And I don't think "seriously" (or a similar adverb), when used as a complement
of "take," could just move around freely. Just like you can't say "I away
chased the dog."

* And, while we're at it, it's a bad idea to take seriously (haha) anyone who thinks split infinitives are wrong. You can find tons of amusing writings by actual linguists here: [https://languagelog.ldc.upenn.edu/nll/index.php?s=Split+infi...](https://languagelog.ldc.upenn.edu/nll/index.php?s=Split+infinitive)

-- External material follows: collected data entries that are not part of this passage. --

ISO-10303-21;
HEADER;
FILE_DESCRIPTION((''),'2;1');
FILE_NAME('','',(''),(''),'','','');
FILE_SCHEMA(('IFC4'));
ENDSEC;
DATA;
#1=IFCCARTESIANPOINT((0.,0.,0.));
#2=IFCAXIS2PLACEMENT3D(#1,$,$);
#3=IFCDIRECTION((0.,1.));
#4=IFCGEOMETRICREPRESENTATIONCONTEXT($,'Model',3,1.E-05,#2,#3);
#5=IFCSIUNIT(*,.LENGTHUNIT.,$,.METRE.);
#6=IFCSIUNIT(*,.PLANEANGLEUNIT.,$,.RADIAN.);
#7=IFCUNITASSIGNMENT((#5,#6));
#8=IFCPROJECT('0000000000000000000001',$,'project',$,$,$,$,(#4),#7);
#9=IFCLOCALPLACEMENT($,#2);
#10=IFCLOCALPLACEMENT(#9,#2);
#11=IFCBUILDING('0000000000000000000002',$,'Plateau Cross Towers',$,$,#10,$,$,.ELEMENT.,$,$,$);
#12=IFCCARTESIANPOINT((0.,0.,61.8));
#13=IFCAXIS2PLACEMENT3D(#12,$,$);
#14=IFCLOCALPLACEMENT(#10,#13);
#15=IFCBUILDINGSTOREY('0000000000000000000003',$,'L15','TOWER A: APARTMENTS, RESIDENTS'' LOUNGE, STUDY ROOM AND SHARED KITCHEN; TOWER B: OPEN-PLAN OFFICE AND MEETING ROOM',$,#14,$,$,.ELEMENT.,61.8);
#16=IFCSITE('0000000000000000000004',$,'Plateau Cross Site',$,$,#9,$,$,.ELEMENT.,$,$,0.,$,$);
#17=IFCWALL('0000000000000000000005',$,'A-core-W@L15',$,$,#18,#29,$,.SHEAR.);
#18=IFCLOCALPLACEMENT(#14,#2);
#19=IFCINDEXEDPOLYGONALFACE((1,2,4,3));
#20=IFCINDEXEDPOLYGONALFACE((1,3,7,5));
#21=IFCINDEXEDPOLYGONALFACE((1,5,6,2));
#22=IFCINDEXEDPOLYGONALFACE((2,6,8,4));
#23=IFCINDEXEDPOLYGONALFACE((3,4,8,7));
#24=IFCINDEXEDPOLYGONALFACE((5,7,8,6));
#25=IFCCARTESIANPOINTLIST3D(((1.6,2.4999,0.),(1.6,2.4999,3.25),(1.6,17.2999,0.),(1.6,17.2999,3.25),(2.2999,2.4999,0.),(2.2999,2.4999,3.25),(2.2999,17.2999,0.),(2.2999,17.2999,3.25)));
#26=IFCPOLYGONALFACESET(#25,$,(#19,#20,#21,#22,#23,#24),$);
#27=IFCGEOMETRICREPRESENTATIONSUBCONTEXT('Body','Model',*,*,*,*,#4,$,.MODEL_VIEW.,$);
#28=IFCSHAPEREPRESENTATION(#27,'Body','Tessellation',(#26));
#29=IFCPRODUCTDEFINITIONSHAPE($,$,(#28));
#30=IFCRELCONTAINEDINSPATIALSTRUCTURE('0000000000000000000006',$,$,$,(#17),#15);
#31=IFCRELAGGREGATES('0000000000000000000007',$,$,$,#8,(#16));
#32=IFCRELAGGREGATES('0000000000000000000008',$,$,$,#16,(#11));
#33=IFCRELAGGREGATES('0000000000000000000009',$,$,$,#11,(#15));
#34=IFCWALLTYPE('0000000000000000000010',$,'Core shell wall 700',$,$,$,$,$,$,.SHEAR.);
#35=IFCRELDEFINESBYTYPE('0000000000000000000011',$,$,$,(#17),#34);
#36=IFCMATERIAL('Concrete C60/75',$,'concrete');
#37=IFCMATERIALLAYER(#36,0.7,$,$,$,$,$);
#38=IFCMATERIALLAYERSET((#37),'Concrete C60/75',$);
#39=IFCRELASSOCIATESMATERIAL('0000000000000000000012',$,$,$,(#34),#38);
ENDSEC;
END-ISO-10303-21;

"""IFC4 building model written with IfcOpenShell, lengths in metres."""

from ifc_helpers import new_model, si_unit, direction, frame, frame_2d, origin, place, context, subcontext, project, spatial, rectangle, extrude, material, layer, layer_set, type_object, element, save


model = new_model("IFC4")

# Units and contexts
model_context = context("Model", 3, precision=1e-05, world=origin(), true_north=direction((0.0, 1.0)))
body_context = subcontext(model_context, "Body", "Model", "MODEL_VIEW")
ifc_project = project(units=[si_unit("LENGTHUNIT", "METRE"), si_unit("PLANEANGLEUNIT", "RADIAN")], contexts=[model_context])

# Site, building, storey
site_placement = place(None, origin())
site = spatial("IfcSite", under=ifc_project, at=site_placement, Name="Plateau Cross Site", CompositionType="ELEMENT", RefElevation=0.0)
building_placement = place(site_placement, origin())
building = spatial("IfcBuilding", under=site, at=building_placement, Name="Plateau Cross Towers", CompositionType="ELEMENT")
storey_placement = place(building_placement, frame((0.0, 0.0, 61.8)))
storey = spatial("IfcBuildingStorey", under=building, at=storey_placement, Name="L15", Description="TOWER A: APARTMENTS, RESIDENTS' LOUNGE, STUDY ROOM AND SHARED KITCHEN; TOWER B: OPEN-PLAN OFFICE AND MEETING ROOM", CompositionType="ELEMENT", Elevation=61.8)

# Shared definitions
ifc_material_1 = material(Name="Concrete C60/75", Category="concrete")

# Wall
ifc_layer_1 = layer(ifc_material_1, 0.7)
ifc_layer_set_1 = layer_set([ifc_layer_1], Name="Concrete C60/75")
wall_type_1 = type_object("IfcWallType", Name="Core shell wall 700", PredefinedType="SHEAR", material=ifc_layer_set_1)
wall_1_placement = place(storey_placement, frame((1.95, 2.5, 0.0), z_axis=(0.0, 0.0, 1.0), x_axis=(0.0, 1.0, 0.0)))
element("IfcWall", 1, at=wall_1_placement, inside=storey, type_object=wall_type_1, Name="A-core-W@L15", PredefinedType="SHEAR", context=body_context, shape_type="SweptSolid", body=[
    extrude(rectangle(XDim=14.8, YDim=0.7, at=frame_2d((7.3999, 0.0))), origin(), (0.0, 0.0, 1.0), 3.25),
])

save(model, "model.ifc")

(Spoiler alert: they think the rule is BS.)

------
jkingsbery
> But if the meaning is clear, I would ask students, why bother eliminating
> these mistakes? The answer is because not to do so is to risk offending
> people who know better, the educated, a small group, to be sure, some would
> even say an endangered species, but one that tends to be touchy about such
> matters.

I think you should "follow the rules," not out of fear of offending someone
but because following these guidlines results in writing that is easier to
understand. Even when the "meaning is clear," it can be made more clear (and
have a greater result).

Compare

> Hopefully, the professor will be able to seriously take the work on which I
> am presently engaged, which is, I believe, rather unique.

with

> I hope the professor will take my unique work seriously.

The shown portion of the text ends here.